Congratulations on ur book


----------



## Sharlow (Dec 20, 2009)

Marisa14 said:


> Congratulations on ur book


Thank you very much. It was fun to write. I'm happy that I decided to have a paperback version made as well. Nice to see that so,e are buying it, but I still like the price of it on Kindle. Paperbacks are so much more expensive then digital.


----------



## Sharlow (Dec 20, 2009)

Hey everyone. Been awhile since I posted here. I hope everyone's well. Recently Fallen Blood received a 5 star review from a review blogger. I thought I'd put the review here. I hope you enjoy it, and please stop by her site and check out all of her other reviews. Thanks!

http://sparkling-reviews.blogspot.com/2010/08/fallen-blood.html

Brian has been in love with Heather for as long as he can remember, the only issue is Heather doesn't even know he is alive. He steals glances at her at school, but it's when she falls asleep that Brian gets to really see Heather.
Brian is a vampire and has the ability to visit Heather in her dreams. He can also travel to anywhere she is. One night he decides to visit her, to find that she isn't home. Instead she is in an abandoned house with her boyfriend and some friends. When Heather goes to go home early, men in black suits try coming to find her.

Heather is able to hide with Brian's help, but the men in suits have her family and friends. Brian is unsure what he should do, but he knows that he needs to protect Heather at all costs. So Brian and Heather leave town, meeting some great characters along the way. But trouble is not far behind....

I LOVED fallen blood. It is written in the 3rd person, which is exactly how the book had to be written to be portrayed so strongly. The more than I got into the book, I felt as though I was part of Brian and Heather's friends... that I was on this dangerous journey with them. I really liked the turn on vampire's that Martin took, Brian is not your ordinary everyday dead, can't go in sunlight vampire ... he is alive.
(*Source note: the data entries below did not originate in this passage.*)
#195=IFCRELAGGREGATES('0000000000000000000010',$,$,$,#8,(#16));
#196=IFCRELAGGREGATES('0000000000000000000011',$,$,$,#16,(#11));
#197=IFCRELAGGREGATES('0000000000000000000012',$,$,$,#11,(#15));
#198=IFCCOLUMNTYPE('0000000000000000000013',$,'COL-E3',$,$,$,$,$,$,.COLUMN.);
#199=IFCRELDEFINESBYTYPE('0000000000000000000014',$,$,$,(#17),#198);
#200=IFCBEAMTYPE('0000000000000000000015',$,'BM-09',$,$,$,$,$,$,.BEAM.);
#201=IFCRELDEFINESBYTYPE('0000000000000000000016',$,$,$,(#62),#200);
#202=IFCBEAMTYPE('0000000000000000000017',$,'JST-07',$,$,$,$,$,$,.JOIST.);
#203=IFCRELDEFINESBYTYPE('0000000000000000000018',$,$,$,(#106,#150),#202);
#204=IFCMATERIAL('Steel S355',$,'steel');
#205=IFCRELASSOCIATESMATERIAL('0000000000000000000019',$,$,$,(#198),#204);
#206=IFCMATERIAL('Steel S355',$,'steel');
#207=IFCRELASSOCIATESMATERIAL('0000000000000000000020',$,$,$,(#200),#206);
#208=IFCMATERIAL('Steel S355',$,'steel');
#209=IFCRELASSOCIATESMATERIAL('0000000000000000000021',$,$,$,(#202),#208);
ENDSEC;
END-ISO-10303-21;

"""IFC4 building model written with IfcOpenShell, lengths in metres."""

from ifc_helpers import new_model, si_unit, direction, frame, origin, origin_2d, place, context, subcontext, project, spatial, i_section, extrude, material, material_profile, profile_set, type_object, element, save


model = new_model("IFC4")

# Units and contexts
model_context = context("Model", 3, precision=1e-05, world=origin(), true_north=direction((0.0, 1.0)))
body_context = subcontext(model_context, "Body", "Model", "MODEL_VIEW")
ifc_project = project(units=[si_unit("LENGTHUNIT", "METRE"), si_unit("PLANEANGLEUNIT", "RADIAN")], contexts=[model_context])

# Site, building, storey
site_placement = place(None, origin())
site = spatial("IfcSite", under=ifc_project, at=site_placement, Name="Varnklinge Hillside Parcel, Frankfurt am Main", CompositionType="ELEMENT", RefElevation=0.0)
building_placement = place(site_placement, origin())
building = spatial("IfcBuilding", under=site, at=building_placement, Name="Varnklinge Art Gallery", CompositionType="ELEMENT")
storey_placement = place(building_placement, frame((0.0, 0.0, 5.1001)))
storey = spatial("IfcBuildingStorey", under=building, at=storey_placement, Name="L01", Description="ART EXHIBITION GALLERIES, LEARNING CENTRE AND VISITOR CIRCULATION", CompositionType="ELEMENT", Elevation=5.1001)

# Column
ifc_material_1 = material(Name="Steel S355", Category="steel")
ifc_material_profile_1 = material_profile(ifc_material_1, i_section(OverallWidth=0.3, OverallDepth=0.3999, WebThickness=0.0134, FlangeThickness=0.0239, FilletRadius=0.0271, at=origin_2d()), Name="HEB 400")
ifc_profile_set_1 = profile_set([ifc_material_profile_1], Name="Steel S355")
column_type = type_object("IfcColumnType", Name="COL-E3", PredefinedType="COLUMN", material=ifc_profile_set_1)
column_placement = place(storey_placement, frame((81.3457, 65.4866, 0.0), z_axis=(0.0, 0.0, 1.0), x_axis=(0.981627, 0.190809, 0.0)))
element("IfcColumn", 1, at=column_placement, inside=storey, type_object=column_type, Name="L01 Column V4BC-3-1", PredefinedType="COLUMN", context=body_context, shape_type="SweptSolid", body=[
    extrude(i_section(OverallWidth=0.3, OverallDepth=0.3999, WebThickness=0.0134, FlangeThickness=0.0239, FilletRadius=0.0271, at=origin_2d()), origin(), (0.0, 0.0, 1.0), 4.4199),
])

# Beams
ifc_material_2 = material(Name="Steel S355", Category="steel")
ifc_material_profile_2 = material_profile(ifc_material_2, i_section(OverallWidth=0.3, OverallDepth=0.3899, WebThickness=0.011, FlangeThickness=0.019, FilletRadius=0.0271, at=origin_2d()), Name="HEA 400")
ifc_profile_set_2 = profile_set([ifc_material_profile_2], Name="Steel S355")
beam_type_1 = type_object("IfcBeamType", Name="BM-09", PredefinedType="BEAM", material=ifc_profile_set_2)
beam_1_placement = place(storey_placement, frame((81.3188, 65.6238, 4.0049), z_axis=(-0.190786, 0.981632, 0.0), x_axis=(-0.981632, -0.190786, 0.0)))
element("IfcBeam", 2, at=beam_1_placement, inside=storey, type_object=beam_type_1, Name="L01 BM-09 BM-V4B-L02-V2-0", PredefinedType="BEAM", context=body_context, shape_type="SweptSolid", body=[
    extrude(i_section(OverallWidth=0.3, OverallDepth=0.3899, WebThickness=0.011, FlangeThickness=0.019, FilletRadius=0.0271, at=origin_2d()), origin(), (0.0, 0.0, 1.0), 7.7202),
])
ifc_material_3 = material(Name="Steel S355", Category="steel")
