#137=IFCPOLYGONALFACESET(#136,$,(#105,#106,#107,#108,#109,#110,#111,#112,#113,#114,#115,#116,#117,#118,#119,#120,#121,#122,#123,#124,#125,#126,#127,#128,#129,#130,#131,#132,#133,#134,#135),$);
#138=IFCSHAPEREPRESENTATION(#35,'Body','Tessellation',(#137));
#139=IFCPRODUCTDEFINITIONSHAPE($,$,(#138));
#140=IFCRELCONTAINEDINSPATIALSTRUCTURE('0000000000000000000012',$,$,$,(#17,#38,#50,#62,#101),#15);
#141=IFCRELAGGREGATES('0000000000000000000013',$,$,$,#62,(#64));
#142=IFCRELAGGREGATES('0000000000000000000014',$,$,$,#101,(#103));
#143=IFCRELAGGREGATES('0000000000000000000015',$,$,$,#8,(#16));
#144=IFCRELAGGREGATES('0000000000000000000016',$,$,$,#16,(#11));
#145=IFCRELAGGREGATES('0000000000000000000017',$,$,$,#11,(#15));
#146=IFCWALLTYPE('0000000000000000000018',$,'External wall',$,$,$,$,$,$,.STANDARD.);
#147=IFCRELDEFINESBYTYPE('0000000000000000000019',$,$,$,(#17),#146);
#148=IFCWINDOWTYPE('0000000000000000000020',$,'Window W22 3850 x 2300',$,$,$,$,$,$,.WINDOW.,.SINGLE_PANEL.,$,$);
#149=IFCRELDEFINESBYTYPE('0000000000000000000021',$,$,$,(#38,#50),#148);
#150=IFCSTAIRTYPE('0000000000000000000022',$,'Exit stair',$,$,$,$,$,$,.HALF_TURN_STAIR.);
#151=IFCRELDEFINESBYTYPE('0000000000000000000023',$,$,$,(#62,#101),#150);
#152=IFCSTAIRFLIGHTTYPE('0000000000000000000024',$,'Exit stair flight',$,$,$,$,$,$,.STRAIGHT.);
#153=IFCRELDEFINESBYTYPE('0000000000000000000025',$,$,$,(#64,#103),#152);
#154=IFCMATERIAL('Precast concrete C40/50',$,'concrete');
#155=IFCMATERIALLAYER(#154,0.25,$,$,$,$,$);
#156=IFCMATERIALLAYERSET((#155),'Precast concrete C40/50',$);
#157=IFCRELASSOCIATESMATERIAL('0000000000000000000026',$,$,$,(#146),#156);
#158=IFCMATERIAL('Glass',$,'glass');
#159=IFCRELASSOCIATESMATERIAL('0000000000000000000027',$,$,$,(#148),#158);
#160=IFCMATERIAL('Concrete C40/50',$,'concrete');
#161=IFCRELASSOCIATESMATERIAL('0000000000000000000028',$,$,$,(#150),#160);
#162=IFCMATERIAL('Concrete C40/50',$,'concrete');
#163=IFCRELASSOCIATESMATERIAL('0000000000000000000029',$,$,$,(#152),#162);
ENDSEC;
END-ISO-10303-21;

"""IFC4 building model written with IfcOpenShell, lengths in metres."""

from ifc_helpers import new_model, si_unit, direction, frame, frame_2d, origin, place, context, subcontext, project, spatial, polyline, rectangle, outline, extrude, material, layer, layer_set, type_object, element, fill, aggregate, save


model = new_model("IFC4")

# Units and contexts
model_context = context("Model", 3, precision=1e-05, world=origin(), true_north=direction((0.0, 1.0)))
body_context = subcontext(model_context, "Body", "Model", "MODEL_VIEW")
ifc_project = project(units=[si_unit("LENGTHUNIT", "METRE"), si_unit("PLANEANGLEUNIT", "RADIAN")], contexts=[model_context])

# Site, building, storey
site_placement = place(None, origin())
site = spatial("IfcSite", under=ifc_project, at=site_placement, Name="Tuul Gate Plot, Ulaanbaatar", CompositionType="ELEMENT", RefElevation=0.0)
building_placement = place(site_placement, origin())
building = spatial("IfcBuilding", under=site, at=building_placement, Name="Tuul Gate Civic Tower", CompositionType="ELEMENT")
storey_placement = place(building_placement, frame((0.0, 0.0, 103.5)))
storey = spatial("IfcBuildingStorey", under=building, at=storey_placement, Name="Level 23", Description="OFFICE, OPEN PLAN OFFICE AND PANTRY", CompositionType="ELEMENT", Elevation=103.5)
I couldn't believe it what I was reading... I had to keep saying to myself " NO WAY! THAT DID NOT JUST HAPPEN!" I pretty sure I annoyed a few people that were around me! There is suspense, action and romance at every turn! I just couldn't get enough...

Note To Martin: Thanks for the great read... but really did you have to give me an ending like that... I NEED MORE!


----------



## Sharlow (Dec 20, 2009)

Well tis the season. Fallen Blood is now on sale for 0.99 for the holiday season. If you have been waiting to get this, now's your chance at a discount.


----------



## Sharlow (Dec 20, 2009)

The response to Fallen Bloods sales over the holidays was so good, I've decided to leave book 1 at the introduction price of 0.99  for the time being. I'm not sure how long this will last, but I figure at least through January. Longer if interest stays at such a high rate.


----------



## Sharlow (Dec 20, 2009)

Today Fallen Blood broke into the top 10 best selling Books > Romance > Gothic Romances list! 
I'm excited at how quickly it's climbing the charts. I want to say thank you to everyone who has purchased it in and making it a success!

Thank you
Martin


----------